Delhaize has released details of a new corporate strategy that will see €300m of costs cut by 2012 and an increase in discount format openings, as well as an increased presence in growth markets such as Greece, Romania and Indonesia.

The Belgian retailer revealed the strategy, which is outlined under the heading 'New Game Plan', to investors at its annual analysts meeting in Athens, Greece.

As part of the strategy, Delhaize is looking to further increase price competitiveness and triple the number of store openings across all markets in addition to realising an additional €300m annual operating cost saving by 2012.

According to Delhaize, the plan means a greater focus on accelerated growth, increased efficiencies and stronger intra-group integration, with savings funding price investments and other sales building initiatives as well as supporting profitability.

'Today, Delhaize Group has a strong and proven building platform of leading brands and market shares, best-in-class profitability and a solid balance sheet,' said group president and CEO Pierre-Olivier Beckers. 'Now is the right time to capitalise on our strengths and further accelerate.
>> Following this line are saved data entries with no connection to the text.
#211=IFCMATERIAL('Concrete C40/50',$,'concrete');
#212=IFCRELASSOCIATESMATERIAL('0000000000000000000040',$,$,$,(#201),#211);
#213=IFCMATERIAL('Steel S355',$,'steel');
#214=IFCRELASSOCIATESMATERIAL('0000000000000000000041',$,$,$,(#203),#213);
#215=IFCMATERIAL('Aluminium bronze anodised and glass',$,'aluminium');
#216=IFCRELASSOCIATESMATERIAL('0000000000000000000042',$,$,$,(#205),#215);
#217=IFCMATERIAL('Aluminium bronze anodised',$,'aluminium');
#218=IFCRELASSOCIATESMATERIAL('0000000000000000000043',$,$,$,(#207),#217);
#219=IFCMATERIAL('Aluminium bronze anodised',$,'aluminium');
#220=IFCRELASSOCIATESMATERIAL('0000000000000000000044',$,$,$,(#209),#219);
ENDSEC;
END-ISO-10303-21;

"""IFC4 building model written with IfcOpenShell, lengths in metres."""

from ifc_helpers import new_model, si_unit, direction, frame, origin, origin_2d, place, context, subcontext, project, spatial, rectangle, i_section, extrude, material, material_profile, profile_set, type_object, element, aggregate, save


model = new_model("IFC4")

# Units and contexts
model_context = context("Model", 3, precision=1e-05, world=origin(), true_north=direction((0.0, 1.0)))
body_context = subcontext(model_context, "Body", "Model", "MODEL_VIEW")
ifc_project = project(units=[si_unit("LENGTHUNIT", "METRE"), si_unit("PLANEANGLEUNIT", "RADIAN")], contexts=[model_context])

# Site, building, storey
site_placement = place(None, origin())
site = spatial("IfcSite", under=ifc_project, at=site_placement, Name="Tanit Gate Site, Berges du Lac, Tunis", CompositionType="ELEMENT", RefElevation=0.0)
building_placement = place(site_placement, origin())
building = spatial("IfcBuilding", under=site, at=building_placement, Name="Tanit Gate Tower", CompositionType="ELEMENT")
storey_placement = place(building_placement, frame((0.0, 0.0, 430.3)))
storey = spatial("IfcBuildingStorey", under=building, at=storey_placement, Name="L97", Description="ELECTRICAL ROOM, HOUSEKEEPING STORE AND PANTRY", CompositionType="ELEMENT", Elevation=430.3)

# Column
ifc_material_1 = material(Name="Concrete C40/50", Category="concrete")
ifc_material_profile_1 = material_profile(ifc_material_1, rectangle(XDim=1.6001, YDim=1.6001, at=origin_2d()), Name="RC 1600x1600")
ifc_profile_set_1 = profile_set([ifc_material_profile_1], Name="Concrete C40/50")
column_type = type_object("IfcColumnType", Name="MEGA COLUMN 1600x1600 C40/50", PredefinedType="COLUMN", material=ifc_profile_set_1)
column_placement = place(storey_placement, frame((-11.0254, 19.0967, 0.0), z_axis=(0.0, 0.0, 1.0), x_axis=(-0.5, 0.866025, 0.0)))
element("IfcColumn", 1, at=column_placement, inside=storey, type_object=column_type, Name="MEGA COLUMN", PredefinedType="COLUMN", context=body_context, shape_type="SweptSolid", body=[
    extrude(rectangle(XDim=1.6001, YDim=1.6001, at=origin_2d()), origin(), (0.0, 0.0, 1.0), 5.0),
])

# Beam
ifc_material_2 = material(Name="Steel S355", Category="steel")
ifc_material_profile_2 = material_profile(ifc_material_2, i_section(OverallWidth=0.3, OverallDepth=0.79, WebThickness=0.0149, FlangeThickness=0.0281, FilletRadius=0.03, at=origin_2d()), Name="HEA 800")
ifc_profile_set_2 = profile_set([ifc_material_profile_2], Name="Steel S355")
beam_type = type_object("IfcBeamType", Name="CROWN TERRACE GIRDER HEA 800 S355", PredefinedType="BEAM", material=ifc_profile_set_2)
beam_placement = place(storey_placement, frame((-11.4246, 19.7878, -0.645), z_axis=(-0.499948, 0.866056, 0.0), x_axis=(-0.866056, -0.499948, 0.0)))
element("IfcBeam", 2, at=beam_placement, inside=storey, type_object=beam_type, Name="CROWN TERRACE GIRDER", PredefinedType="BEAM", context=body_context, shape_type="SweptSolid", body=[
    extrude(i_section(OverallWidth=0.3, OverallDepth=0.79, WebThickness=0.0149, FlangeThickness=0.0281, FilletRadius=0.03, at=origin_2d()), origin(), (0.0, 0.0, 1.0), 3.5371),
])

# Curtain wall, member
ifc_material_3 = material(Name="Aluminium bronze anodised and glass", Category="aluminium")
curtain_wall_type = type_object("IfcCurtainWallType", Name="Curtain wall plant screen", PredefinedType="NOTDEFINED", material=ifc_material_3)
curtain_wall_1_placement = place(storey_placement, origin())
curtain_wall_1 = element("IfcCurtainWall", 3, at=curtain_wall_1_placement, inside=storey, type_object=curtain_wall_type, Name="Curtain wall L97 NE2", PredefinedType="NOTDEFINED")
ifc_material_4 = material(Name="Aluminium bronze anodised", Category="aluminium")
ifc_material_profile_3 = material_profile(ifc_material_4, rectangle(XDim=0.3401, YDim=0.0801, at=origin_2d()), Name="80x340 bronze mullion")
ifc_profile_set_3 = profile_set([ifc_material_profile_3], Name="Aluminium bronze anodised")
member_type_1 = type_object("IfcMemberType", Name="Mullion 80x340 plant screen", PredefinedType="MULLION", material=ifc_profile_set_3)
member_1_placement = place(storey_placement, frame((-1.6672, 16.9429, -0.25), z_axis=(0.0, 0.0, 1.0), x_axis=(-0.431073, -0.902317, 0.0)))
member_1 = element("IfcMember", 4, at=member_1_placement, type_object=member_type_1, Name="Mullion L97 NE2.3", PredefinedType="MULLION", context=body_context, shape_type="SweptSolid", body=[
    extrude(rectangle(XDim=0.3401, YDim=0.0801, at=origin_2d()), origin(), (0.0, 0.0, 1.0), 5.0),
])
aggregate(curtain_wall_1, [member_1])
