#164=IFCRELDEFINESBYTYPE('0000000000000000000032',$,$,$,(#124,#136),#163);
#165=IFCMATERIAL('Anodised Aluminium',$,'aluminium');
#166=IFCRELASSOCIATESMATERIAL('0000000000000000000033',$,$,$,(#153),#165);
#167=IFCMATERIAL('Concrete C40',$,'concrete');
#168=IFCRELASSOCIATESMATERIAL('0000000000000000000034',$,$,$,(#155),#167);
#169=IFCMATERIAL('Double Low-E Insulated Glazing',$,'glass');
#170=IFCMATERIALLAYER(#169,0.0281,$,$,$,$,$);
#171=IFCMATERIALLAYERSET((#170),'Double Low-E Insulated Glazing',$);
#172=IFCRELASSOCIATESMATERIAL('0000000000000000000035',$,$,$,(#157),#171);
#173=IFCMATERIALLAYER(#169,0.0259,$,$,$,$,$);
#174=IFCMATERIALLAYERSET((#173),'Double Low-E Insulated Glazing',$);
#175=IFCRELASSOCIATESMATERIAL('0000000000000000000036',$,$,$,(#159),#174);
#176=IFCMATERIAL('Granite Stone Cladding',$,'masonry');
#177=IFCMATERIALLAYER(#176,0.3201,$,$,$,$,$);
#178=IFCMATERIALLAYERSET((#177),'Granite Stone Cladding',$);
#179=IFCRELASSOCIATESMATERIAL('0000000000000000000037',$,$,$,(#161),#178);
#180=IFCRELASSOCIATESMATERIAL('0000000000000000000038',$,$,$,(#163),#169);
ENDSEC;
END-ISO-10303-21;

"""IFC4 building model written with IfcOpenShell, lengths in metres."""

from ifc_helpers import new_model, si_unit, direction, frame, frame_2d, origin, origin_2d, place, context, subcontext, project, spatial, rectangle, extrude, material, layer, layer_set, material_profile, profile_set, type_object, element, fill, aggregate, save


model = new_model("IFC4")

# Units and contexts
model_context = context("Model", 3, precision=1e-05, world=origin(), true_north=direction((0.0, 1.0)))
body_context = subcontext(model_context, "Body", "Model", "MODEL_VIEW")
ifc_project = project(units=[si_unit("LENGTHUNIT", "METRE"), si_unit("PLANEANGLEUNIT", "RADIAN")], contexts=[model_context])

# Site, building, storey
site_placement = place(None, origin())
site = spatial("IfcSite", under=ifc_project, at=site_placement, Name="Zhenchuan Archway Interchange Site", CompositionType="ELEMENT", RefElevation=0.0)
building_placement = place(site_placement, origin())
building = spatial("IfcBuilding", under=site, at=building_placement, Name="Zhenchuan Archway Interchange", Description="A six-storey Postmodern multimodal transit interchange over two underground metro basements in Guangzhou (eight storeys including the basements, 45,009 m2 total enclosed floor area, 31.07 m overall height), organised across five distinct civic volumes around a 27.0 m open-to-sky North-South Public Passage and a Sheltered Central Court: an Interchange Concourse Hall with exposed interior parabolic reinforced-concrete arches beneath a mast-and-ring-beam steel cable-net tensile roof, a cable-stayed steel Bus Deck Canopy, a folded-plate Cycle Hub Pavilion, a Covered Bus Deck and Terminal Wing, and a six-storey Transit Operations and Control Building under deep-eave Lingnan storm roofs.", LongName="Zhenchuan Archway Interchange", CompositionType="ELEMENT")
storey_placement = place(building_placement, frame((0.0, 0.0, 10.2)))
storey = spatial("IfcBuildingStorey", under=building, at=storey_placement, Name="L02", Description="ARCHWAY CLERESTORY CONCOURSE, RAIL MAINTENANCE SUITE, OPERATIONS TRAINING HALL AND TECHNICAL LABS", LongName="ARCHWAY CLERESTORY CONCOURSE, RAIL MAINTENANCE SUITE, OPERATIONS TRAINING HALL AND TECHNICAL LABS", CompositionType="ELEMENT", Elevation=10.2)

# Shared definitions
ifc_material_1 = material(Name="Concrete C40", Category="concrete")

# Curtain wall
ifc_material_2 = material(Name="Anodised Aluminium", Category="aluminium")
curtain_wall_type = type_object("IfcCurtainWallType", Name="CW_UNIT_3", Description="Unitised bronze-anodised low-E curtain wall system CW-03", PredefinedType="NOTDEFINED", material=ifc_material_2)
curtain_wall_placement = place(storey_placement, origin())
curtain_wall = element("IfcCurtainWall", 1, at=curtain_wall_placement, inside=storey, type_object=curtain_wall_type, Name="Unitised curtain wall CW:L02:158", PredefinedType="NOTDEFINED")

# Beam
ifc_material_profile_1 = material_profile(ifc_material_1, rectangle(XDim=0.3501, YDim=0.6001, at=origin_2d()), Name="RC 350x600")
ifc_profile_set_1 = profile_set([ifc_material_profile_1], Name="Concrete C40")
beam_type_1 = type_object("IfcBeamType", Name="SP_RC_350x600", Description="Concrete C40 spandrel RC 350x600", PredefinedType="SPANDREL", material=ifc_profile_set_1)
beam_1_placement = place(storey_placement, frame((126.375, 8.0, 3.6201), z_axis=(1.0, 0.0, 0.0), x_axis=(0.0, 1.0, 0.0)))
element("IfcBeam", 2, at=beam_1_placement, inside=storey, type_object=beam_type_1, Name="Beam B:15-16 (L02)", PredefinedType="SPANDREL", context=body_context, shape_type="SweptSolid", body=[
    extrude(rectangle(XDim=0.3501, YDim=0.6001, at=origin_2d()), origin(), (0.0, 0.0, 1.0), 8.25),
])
'The goal of our 'New Game Plan' is to deliver value leadership in all our markets leading to superior revenue and profit growth, and to make of Delhaize Group a more effective acquisition platform through additional synergies, shared knowledge and shared services,' he added.

Additional areas that Delhaize will look at as part of the 'New Game Plan' include building industry-leading initiatives in health and wellness and focusing on corporate responsibility.